Wojskowi wywalczyli do tej pory 20 punktów i w razie zwycięstwa zostaną wiceliderem ekstraklasy z 5 "oczkami" straty do Piasta Gliwice. Kolejorzowi (6 pkt.) nawet wygrana nie pozwoli na opuszczenie strefy spadkowej.
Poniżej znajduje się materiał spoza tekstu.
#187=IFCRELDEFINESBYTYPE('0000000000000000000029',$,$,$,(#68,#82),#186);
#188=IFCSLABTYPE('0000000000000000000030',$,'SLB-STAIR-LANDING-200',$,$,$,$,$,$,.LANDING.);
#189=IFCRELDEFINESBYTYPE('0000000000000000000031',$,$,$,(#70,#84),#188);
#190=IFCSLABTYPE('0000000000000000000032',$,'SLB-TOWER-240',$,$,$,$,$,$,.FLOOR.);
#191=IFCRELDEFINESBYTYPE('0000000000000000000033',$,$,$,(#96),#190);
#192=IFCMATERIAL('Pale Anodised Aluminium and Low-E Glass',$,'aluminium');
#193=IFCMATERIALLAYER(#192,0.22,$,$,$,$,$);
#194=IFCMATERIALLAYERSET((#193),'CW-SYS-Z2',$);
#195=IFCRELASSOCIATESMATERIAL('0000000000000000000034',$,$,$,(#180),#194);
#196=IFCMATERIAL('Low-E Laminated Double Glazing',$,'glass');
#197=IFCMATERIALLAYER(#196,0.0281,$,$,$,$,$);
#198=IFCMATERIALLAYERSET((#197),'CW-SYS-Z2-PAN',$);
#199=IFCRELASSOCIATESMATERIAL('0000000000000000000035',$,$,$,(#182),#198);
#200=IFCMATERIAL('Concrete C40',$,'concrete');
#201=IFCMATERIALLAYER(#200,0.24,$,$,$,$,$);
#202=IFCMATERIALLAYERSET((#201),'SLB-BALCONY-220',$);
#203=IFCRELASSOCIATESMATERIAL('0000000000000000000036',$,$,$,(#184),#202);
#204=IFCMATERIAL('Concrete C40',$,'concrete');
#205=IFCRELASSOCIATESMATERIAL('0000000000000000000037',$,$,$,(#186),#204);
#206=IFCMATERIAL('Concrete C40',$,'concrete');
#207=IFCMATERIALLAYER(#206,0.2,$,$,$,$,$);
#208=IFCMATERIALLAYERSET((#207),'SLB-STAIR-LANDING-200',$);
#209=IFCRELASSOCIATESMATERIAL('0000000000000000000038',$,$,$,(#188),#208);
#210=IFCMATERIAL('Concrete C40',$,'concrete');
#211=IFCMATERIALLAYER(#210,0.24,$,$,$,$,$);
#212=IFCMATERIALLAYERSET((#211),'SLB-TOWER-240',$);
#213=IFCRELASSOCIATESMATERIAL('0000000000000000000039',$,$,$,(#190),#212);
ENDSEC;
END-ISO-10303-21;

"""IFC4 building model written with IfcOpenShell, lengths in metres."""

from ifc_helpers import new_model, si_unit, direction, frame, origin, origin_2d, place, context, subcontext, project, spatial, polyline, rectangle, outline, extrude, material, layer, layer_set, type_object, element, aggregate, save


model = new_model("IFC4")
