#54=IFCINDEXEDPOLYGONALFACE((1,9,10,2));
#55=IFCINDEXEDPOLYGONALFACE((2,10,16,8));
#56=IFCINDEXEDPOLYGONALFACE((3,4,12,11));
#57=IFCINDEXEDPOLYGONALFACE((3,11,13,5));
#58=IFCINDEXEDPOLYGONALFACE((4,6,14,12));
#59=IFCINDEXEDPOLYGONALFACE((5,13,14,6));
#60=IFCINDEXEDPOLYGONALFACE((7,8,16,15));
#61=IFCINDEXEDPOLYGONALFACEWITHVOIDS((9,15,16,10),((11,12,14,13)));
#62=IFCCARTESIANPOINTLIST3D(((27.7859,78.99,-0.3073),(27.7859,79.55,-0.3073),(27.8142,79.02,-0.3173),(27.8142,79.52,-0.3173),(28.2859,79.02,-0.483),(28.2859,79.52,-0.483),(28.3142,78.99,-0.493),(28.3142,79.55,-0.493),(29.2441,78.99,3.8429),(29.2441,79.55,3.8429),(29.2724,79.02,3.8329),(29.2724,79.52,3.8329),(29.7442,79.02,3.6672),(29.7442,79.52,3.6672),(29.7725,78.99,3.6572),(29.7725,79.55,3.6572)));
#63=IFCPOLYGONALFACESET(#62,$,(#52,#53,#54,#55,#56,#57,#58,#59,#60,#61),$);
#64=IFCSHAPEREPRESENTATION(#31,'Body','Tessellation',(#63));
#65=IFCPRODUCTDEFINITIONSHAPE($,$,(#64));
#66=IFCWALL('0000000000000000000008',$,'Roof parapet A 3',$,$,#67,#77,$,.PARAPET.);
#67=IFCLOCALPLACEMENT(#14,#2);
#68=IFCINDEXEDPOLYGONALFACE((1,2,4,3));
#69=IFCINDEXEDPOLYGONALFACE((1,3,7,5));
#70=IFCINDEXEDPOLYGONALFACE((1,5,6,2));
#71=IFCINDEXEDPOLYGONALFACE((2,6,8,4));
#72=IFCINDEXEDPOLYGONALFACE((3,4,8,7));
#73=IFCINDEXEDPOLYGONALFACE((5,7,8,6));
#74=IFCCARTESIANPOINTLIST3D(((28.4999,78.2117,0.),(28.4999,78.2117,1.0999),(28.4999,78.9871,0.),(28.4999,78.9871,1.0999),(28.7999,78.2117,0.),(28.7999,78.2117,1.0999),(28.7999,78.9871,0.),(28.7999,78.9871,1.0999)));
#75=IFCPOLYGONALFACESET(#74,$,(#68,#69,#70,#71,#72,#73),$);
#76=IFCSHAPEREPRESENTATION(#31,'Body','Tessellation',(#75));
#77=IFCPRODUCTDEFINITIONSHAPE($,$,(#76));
Mecze Lecha z Legią zawsze mają ogromny ciężar gatunkowy. Teraz pikanterii dodaje fakt, że oba zespoły prowadzą nowe sztaby szkoleniowe, a pracujący w Poznaniu Jan Urban to były trener stołecznego klubu. - Wszyscy wiemy co ten mecz oznacza dla Poznania i całej Wielkopolski. Zawsze staramy się wygrać, bo wiemy co to daje. Teraz nie jesteśmy w idealnej pozycji w tabeli, ale nie ma to znaczenia. To derby Polski - powiedział Burić w rozmowie z Lech TV.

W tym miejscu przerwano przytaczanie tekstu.